1. He established a rigorous connection between entropy and entropy production. (I don’t actually quite know what he meant by this.)

2. He established entropy as a fundamental tool in optimal transport, and curvature in metric spaces.

3. He rigorously proved a phenomenon known as Landau damping, a very surprising decay of the electric field in a plasma without particle collisions (and therefore without entropy increase).

I’ve just looked at Tao’s post on the Fields medallists and my understanding is such that I’m not even quite certain which of the above three achievements he is describing in detail. (That’s a comment about the headings — Tao writes with his usual clarity.)

I’m not going to try to explain Villani’s work beyond this. Let me just mention a few random things from what Yau said, and some even more random thoughts that I had during the talk. One of the latter was that amongst the other mathematicians Yau mentioned were Cergignani, who conjectured that the decay to global equilibrium of, I think, solutions to the Boltzmann equation is exponentially fast, Toscani, who proved with Villani that this conjecture is almost always (in a certain precise sense)correct (which was interesting as there are counterexamples due to Bobylev and Cergignani himself), and Gualdani, whose role in the story I did not write down and have forgotten. Could there be a pattern here?

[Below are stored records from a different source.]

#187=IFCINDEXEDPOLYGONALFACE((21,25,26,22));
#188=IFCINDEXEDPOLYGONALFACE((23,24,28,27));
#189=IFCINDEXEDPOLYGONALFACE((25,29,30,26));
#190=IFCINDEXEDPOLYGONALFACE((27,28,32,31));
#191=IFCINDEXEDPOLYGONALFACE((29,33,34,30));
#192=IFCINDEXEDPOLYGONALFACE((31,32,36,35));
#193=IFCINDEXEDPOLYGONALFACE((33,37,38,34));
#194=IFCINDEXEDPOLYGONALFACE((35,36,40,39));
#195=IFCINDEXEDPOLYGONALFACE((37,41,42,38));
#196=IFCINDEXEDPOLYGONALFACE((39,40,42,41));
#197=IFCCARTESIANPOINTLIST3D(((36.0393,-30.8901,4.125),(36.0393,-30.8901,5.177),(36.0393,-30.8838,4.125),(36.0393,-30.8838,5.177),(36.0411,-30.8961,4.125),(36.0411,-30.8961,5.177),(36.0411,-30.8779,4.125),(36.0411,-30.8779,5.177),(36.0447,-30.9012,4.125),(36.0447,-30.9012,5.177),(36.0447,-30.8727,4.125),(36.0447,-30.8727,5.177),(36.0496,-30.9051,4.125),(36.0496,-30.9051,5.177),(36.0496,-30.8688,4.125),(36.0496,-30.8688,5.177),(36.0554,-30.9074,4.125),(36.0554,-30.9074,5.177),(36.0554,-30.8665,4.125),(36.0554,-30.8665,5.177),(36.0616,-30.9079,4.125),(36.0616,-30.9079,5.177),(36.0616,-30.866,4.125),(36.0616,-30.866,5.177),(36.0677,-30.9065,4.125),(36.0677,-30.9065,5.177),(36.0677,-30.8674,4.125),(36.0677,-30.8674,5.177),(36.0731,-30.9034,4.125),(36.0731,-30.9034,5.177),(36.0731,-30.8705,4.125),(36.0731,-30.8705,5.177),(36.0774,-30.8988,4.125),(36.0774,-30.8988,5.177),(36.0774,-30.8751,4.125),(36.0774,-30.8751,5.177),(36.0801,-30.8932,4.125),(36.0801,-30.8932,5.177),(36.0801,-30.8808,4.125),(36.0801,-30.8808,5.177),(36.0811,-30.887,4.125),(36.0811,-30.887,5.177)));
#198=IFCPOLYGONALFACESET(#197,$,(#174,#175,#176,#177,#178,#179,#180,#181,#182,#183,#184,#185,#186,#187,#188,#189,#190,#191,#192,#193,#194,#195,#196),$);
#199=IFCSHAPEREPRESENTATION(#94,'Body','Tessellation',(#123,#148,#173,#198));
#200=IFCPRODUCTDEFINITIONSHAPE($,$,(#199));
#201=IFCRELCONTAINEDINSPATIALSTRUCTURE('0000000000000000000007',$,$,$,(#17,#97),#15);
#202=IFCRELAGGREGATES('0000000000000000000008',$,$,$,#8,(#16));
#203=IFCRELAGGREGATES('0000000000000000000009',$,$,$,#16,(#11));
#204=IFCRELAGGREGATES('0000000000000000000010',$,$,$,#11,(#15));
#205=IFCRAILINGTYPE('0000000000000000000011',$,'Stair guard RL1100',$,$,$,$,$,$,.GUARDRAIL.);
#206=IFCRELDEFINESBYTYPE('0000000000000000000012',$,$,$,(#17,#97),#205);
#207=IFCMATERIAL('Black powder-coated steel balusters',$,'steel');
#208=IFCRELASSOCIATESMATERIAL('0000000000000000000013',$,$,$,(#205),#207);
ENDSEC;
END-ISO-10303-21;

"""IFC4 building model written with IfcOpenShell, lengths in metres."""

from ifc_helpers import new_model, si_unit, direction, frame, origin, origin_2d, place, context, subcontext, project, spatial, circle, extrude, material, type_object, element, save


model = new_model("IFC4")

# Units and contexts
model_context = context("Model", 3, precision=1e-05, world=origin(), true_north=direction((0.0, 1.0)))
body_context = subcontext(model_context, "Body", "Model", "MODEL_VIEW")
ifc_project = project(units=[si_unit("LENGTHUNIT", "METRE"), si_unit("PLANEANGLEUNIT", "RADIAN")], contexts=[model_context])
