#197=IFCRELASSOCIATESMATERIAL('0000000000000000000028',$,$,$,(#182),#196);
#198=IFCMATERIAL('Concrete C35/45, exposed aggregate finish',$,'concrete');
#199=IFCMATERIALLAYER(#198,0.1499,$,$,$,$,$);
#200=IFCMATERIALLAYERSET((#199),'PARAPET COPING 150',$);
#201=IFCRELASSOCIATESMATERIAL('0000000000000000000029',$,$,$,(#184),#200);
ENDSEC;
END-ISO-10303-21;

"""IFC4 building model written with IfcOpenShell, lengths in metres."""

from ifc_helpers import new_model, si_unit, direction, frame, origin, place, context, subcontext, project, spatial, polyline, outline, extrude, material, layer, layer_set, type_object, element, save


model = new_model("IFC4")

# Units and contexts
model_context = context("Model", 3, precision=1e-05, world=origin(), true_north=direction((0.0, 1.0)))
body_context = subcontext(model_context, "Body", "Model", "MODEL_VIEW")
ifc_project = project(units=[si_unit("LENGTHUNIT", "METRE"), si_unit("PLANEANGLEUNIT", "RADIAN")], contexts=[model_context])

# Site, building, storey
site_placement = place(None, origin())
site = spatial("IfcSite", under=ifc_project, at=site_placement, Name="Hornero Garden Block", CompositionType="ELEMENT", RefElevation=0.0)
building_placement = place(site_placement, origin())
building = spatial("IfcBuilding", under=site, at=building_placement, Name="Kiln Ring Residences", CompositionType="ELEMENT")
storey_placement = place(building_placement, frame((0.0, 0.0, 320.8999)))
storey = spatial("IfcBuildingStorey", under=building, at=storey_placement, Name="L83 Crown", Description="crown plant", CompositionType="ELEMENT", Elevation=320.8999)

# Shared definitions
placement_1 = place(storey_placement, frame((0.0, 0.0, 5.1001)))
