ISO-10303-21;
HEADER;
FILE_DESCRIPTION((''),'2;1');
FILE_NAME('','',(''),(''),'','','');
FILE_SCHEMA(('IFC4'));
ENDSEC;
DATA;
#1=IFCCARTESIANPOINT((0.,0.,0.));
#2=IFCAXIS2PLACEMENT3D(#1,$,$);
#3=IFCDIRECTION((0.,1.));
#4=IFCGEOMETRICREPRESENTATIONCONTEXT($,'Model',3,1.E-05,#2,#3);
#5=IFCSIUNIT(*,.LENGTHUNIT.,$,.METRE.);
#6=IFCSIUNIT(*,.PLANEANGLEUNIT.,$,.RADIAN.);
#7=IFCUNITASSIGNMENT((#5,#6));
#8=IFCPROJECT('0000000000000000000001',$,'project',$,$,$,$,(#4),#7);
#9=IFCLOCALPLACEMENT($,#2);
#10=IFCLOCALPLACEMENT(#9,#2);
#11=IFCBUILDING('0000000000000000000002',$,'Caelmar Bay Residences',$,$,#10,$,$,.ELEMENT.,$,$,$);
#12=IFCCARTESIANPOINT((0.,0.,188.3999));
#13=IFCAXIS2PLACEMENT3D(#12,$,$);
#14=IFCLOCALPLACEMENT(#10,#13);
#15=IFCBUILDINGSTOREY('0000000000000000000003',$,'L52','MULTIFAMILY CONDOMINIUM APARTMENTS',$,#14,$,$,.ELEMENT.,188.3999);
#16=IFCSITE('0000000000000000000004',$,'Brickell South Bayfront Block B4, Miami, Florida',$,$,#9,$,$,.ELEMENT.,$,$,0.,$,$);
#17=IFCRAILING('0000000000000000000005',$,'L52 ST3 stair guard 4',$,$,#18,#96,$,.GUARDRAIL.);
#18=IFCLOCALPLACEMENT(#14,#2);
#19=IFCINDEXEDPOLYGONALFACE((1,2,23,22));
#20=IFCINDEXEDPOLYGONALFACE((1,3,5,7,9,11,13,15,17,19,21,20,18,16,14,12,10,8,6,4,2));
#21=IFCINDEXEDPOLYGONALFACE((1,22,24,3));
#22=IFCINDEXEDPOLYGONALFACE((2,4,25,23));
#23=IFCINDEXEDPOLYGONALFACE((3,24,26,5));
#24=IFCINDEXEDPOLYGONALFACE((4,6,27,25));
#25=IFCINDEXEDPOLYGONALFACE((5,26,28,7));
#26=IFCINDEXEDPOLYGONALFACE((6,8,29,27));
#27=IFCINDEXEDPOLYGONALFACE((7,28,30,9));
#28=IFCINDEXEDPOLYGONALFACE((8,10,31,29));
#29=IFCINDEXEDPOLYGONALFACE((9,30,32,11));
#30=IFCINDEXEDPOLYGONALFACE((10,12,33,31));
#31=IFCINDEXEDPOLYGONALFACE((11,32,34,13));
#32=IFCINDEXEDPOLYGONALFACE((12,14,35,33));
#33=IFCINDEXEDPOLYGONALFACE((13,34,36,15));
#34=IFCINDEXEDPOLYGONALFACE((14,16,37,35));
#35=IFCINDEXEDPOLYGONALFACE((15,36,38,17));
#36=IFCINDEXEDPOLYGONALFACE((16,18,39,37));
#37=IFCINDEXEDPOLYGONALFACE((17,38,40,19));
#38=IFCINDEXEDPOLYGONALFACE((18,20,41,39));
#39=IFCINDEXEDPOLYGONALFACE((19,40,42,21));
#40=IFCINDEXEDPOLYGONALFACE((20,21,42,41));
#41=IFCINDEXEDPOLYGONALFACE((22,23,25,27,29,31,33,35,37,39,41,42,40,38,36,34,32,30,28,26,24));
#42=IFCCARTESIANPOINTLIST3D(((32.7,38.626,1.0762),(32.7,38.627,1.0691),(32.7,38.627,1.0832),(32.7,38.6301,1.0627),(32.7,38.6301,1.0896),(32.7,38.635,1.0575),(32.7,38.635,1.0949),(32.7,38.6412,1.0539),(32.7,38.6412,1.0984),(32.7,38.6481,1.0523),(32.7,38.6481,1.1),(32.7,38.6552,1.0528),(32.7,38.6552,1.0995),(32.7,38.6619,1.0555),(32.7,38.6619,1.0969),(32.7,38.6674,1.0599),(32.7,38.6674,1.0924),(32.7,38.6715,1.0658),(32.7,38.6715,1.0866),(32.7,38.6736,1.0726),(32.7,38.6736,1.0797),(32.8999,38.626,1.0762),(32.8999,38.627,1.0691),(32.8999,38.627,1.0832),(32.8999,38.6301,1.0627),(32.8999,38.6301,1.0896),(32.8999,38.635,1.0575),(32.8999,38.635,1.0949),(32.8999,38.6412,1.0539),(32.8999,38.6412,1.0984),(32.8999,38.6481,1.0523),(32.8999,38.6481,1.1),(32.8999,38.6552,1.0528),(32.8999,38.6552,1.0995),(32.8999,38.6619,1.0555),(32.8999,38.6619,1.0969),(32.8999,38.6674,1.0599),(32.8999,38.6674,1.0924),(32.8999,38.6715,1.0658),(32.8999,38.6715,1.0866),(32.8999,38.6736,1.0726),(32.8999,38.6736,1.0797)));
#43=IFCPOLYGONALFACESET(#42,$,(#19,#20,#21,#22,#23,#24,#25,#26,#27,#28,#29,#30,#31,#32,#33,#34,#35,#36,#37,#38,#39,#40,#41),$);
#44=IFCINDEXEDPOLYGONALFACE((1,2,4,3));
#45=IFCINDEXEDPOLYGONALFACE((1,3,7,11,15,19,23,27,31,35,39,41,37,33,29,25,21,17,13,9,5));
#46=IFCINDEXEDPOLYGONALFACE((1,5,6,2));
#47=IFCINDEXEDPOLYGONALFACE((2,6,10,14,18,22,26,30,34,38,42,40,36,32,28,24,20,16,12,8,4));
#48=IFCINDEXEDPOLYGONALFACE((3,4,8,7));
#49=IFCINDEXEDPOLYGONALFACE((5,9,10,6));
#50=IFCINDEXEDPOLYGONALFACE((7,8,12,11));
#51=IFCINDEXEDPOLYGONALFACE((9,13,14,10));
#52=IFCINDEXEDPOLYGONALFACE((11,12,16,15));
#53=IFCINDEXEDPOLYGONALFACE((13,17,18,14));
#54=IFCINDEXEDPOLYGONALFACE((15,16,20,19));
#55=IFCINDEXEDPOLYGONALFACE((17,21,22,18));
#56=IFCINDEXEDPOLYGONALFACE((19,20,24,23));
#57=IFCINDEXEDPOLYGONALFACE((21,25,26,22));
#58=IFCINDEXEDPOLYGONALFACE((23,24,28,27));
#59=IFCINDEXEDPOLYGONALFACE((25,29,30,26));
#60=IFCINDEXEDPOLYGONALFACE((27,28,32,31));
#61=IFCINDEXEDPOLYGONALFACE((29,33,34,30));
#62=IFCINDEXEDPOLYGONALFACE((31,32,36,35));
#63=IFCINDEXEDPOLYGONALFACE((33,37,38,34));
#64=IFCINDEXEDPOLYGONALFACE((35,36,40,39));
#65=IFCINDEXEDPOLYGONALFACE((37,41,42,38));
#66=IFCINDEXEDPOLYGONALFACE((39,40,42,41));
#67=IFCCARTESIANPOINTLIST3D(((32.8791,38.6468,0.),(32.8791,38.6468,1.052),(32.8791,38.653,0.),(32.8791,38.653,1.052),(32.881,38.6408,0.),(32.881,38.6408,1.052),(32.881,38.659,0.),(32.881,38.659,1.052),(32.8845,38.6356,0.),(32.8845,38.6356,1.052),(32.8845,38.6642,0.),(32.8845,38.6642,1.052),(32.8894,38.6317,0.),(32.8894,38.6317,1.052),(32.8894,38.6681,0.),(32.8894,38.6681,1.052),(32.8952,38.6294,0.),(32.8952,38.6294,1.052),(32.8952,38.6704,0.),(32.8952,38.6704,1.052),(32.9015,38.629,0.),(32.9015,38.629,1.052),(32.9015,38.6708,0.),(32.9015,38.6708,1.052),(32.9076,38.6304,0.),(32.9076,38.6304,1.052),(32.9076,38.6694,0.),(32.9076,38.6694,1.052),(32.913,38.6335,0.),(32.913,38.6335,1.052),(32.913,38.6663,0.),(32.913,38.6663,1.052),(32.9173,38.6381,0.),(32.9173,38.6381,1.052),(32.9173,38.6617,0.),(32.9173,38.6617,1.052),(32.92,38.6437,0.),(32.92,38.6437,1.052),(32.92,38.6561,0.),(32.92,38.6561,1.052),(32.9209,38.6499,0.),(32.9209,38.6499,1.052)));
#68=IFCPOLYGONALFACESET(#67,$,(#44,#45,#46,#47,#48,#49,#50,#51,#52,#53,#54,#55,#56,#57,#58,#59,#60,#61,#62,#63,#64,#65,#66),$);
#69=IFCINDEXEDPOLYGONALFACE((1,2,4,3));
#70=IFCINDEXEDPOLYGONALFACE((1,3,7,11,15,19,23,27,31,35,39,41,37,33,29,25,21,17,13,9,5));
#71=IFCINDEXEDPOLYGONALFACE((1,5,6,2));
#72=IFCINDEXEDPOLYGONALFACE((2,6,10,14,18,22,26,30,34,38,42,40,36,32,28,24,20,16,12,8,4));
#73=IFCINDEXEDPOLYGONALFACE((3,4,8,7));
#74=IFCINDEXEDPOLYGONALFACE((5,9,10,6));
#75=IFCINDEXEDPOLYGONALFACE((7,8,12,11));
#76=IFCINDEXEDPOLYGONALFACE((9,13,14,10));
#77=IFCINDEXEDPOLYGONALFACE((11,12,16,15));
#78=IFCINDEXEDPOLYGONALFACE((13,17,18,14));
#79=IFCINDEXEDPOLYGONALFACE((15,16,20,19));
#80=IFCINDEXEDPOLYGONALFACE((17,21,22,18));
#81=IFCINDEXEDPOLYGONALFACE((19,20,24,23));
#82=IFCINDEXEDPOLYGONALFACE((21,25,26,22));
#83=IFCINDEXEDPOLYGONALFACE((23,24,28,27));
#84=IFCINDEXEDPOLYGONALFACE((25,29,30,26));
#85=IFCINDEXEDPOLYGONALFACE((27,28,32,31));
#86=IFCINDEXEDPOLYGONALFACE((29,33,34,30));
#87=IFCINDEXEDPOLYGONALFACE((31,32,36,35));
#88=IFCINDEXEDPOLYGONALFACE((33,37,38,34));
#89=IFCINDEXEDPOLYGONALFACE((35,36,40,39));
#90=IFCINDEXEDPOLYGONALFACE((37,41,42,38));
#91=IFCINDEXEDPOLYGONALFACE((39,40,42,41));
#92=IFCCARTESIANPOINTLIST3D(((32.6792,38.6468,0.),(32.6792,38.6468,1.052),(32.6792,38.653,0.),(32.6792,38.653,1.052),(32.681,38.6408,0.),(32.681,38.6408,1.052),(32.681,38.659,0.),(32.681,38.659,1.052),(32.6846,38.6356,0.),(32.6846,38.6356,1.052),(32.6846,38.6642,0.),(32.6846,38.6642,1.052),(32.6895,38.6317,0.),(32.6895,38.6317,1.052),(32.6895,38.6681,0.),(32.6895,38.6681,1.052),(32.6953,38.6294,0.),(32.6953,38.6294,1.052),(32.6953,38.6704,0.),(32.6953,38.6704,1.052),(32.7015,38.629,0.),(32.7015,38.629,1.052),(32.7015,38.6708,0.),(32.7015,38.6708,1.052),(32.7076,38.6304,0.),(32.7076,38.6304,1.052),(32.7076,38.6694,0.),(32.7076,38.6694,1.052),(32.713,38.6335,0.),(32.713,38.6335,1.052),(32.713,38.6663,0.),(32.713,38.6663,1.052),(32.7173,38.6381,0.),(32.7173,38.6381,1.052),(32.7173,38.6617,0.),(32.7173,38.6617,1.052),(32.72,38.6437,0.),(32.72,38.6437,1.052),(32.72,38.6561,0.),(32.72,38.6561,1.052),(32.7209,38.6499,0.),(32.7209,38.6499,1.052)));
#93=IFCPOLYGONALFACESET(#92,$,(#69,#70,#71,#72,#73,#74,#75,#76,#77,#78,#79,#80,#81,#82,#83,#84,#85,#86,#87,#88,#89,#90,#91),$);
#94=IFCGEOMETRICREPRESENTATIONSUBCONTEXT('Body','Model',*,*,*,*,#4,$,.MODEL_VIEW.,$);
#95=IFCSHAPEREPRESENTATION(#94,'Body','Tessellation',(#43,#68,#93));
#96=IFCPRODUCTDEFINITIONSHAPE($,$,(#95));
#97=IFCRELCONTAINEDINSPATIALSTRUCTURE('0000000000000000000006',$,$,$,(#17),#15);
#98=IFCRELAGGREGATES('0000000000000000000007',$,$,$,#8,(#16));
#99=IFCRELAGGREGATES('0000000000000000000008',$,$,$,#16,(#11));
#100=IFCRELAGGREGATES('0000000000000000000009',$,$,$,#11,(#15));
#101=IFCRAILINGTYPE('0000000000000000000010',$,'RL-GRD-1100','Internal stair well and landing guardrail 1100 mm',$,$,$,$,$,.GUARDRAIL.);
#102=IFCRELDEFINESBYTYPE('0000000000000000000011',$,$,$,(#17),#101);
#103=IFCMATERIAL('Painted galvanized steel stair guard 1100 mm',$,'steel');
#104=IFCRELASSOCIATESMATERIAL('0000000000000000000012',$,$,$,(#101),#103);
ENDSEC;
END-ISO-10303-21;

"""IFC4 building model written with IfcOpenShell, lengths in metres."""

from ifc_helpers import new_model, si_unit, direction, frame, origin, origin_2d, place, context, subcontext, project, spatial, circle, extrude, material, type_object, element, save


model = new_model("IFC4")

# Units and contexts
model_context = context("Model", 3, precision=1e-05, world=origin(), true_north=direction((0.0, 1.0)))
body_context = subcontext(model_context, "Body", "Model", "MODEL_VIEW")
ifc_project = project(units=[si_unit("LENGTHUNIT", "METRE"), si_unit("PLANEANGLEUNIT", "RADIAN")], contexts=[model_context])

# Site, building, storey
site_placement = place(None, origin())
site = spatial("IfcSite", under=ifc_project, at=site_placement, Name="Brickell South Bayfront Block B4, Miami, Florida", CompositionType="ELEMENT", RefElevation=0.0)
building_placement = place(site_placement, origin())
building = spatial("IfcBuilding", under=site, at=building_placement, Name="Caelmar Bay Residences", CompositionType="ELEMENT")
storey_placement = place(building_placement, frame((0.0, 0.0, 188.3999)))
storey = spatial("IfcBuildingStorey", under=building, at=storey_placement, Name="L52", Description="MULTIFAMILY CONDOMINIUM APARTMENTS", CompositionType="ELEMENT", Elevation=188.3999)

# Railing
ifc_material_1 = material(Name="Painted galvanized steel stair guard 1100 mm", Category="steel")
railing_type_1 = type_object("IfcRailingType", Name="RL-GRD-1100", Description="Internal stair well and landing guardrail 1100 mm", PredefinedType="GUARDRAIL", material=ifc_material_1)
railing_1_placement = place(storey_placement, frame((32.8999, 38.6499, 0.0)))
element("IfcRailing", 1, at=railing_1_placement, inside=storey, type_object=railing_type_1, Name="L52 ST3 stair guard 4", PredefinedType="GUARDRAIL", context=body_context, shape_type="SweptSolid", body=[
    extrude(circle(Radius=0.0239, at=origin_2d()), frame((0.0, 0.0, 1.0762), z_axis=(-1.0, 0.0, 0.0), x_axis=(0.0, -1.0, 0.0)), (0.0, 0.0, 1.0), 0.2),
    extrude(circle(Radius=0.021, at=origin_2d()), origin(), (0.0, 0.0, 1.0), 1.052),
    extrude(circle(Radius=0.021, at=origin_2d()), frame((-0.2, 0.0, 0.0)), (0.0, 0.0, 1.0), 1.052),
])

save(model, "model.ifc")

Here, just to give you an idea of what being at the talk was like, is another note I wrote: existence of renormalized solution … other stuff … slide too quick.

I think I’ll finish this short post with a summary that gives some idea of why Villani’s results (some proved with Clement Mouhot) about Landau damping are considered so spectacular. They are the first rigorous results to establish fast decay to equilibrium in confined collisionless time-reversible dynamics.

There was also an interesting discussion about a function — which, looking at an earlier part of my notes, probably should in fact be the Boltzmann H-functional (whatever that is). Apparently, it carries all the information of the initial data for all time, which might sound hard to reconcile with fast decay to equilibrium, but the point is that it pushes this information to higher and higher frequencies. (I’m mentioning this as another example of how it is possible for a sentence that one doesn’t understand at all well nevertheless to create a mental picture that provides some help when thinking about an unfamiliar subject.)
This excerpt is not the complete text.